B. Kepatuhan Wajib Pajak
Menurut Safri Nurmantu, Kepatuhan Perpajakan adalah suatu keadaan
dimana wajib pajak memenuhi semua kewajiban perpajakan dan melaksanakan
hal perpajakannya.
15
Menurut Rahayu (2010:139), menyatakan bahwa Kepatuhan Wajib Pajak
dapat didefinisikan dari :
1. Kewajiban Wajib Pajak dalam mendaftarkan diri.
2. Kepatuhan untuk menyetorkan kembali Surat Pemberitahuan.
3. Kepatuhan dalam perhitungan dan pembayaran pajak terutang.
4. Kepatuhan dalam pembayaran tunggakan.
Kepatuhan Wajib Pajak merupakan pemenuhan kewajiban perpajakan
yang dilakukan oleh pembayar pajak dalam rangka memberi kontribusi bagi
pembangunan Negara yang diharapkan didalam pemenuhannya dilakukan
secara sukarela. Kepatuhan Wajib pajak menjadi aspek penting mengingat
sistem perpajakan Indonesia menganut self assessment dimana dalam
prosesnya mutlak memberikan kepercayaan kepada wajib pajak untuk
menghitung, membayar dan melaporkan kewajibannya.
Pada tahun 2008 dikeluarkan SE-02/PJ/2008 tentang Tata Cara
Penetapan Wajib Pajak dengan Kriteria Tertentu sebagai turunan dari Peraturan
Menteri Keuangan No. 192/PMK.03/2007 sebagai berikut :
1. Tepat waktu
penyampaikan Surat Pemberitahuan (SPT) dalam 3
tahun terakhir.
2. Penyampaian SPT Masa yang terlambat dalam waktu terakhir untuk
Masa pajak dari Januari sampai November tidak lebih dari 3 masa
pajak untuk setiap jenis pajak dan tidak berturut-turut.
16
3. SPT Masa yang terlambat seperti dimaksud telah disampaikan tidak
lewat batas waktu penyampaian SPT Masa untuk Masa pajak
berikutnya.
4. Tidak mempunyai tunggakan pajak untuk semua jenis pajak, kecuali
telah memperoleh izin untuk menggangsur atau menunda pembayaran
pajak, meliputi keadaan pada tanggal 31 desember tahun sebelum
penetapan sebagai Wajib pajak patuhdan tidak termasuk utang pajak
yang belum melewati batas akhir pelunasan.
5. Laporan keuangan diaudit oleh akuntan publik atau lembaga
pengawasan keuangan pemerintah dengan pendapatan wajar tanpa
pengecualian selama 3 tahun berturut-turut dengan ketentuan disusun
dalam bentuk panjang (long form report) dan menyajikan rekonsiliasi
laba rugi komersial dan fiskal bagi Wajib Pajak yang menyampaikan
SPT tahunan dan juga pendapat akuntan atas laporan keuangan yang
diaudit ditandatangani oleh akuntan publik yang tidak dalam
pembinaan lembaga pemerintah pengawas akuntan publik.
Safri Nurmantu (2006:110) mengatakan bahwa ada dua macam
kepatuhan pajak, yaitu kepatuhan formal dan kepatuhan materil.
1. Kepatuhan formal adalah suatu keadaan dimana Wajib Pajak
memenuhi kewajiban secara formal sesuai dengan ketentuan dalam
undang-undang perpajakan.
17
Misalnya ketentuan batas waktu penyampaian Surat Pemberitahuan
Pajak Penghasilan (SPT PPh) Tahunan tanggal 31 Maret.
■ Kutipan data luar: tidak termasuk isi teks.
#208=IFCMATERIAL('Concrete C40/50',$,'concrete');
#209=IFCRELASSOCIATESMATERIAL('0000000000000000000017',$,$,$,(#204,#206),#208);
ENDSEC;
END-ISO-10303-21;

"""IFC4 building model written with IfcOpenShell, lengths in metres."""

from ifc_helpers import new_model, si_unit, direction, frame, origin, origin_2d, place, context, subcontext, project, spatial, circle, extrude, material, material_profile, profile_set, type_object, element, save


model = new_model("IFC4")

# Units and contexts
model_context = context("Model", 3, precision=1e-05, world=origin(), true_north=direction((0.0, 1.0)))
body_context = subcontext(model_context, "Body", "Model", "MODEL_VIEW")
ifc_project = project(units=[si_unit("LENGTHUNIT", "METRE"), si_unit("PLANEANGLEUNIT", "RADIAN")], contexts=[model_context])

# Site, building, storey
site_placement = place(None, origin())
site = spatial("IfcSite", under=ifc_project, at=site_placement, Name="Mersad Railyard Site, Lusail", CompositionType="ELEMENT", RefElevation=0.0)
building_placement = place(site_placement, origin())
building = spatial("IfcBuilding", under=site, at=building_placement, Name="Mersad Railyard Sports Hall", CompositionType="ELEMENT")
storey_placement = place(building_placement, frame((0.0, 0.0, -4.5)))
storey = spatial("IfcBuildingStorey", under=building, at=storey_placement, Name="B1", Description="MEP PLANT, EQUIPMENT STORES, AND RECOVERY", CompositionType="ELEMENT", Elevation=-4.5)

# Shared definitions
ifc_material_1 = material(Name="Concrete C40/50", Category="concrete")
Apabila
Wajib Pajak telah melaporkan Surat Pemberitahuan Pajak Penghasilan
(SPT PPh) Tahunan sebelum atau pada tanggal 31 Maret maka Wajib
Pajak telah memenuhi ketentuan formal, akan tetapi isinya belum
tentu memenuhi ketentuan material.
2. Kepatuhan material adalah suatu keadaan dimana Wajib Pajak
memenuhi semua ketentuan material perpajakan, yakni sesuai dengan
isi dan jiwa undang-undang perpajakan. Kepatuhan material dapat
juga meliputi kepatuhan formal. Wajib Pajak yang memenuhi
kepatuhan material adalah Wajib Pajak yang mengisi dengan jujur,
lengkap, dan benar Surat Pemberitahuan (SPT) sesuai ketentuan dan
menyampaikannya ke KPP sebelum batas waktu berakhir.
Menurut penelitan yang dilakukan oleh Cindy dan Yenni (2013)
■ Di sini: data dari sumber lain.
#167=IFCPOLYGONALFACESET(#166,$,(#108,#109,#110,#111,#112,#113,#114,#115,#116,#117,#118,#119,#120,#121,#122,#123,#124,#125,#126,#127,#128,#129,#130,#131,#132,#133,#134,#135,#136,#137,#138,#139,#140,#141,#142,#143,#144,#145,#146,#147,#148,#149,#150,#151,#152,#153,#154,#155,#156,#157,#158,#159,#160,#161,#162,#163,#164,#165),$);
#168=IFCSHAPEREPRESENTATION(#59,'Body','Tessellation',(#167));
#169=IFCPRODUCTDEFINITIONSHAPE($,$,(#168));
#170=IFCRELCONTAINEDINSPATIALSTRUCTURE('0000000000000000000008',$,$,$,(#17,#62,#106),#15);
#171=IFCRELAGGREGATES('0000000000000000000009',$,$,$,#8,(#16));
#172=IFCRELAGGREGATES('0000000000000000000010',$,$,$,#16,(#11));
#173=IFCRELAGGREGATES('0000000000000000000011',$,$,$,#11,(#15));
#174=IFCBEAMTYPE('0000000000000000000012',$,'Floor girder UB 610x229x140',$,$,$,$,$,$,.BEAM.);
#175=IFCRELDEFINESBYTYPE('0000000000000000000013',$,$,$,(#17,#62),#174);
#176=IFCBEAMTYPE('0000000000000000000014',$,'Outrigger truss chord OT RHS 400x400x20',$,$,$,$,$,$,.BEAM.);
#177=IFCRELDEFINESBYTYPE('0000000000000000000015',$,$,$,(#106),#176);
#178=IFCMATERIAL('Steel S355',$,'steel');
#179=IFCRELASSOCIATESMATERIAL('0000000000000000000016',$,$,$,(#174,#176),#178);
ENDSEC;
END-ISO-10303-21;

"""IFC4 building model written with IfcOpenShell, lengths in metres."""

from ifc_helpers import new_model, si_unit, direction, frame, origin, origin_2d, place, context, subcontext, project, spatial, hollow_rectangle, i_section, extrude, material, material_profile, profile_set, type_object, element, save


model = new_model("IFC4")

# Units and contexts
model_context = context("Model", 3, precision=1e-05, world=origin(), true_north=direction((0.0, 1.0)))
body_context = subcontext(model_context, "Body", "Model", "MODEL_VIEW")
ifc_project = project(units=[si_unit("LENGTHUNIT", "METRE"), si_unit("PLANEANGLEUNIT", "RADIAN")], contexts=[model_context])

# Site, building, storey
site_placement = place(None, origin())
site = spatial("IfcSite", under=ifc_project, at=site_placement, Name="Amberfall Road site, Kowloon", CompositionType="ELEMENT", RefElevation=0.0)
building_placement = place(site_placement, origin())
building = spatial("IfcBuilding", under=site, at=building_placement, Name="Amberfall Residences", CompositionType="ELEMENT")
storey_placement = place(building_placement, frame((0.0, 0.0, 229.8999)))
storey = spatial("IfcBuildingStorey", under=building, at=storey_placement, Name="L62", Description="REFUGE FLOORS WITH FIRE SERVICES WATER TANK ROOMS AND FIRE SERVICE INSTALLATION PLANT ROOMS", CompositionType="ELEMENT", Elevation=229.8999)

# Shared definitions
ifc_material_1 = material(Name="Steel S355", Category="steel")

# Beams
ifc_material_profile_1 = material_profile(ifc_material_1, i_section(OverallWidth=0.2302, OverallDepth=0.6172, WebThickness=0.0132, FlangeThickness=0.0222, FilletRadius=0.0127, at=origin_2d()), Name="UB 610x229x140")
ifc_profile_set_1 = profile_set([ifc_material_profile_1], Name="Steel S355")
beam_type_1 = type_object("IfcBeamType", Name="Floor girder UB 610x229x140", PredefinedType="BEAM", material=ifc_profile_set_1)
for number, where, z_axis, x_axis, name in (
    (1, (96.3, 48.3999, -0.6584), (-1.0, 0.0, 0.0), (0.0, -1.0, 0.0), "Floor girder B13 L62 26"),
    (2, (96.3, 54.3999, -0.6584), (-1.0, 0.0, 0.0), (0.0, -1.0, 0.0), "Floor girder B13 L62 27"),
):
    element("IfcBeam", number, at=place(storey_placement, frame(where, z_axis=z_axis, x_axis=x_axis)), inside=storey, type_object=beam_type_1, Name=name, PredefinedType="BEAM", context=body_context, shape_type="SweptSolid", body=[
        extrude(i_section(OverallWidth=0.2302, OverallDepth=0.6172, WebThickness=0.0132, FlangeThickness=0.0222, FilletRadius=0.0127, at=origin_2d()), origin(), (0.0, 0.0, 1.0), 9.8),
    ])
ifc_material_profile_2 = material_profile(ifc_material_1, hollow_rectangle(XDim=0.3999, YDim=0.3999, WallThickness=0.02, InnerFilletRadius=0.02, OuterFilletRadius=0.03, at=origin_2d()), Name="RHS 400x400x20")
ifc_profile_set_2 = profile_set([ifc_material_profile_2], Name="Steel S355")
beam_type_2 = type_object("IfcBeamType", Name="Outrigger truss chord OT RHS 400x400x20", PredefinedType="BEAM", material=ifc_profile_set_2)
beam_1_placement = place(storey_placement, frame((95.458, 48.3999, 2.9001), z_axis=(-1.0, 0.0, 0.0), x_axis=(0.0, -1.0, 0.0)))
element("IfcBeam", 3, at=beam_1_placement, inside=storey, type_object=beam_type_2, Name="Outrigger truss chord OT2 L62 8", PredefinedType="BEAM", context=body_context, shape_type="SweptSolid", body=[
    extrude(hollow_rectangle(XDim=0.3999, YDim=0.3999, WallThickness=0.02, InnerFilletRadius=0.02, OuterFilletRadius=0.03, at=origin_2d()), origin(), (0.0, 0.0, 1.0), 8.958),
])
kepatuhan Wajib Pajak dapat di pengaruhi oleh dua jenis Faktor, yaitu:
a. Faktor Internal yang memepengaruhi kepatuhan Wajib Pajak adalah
faktor pendidikan, faktor kesadaran keberagamaan, faktor kesadaran
perpajakan, faktor pemahaman terhadap Undang-undang dan
peraturan perpajakan, dan faktor rasional.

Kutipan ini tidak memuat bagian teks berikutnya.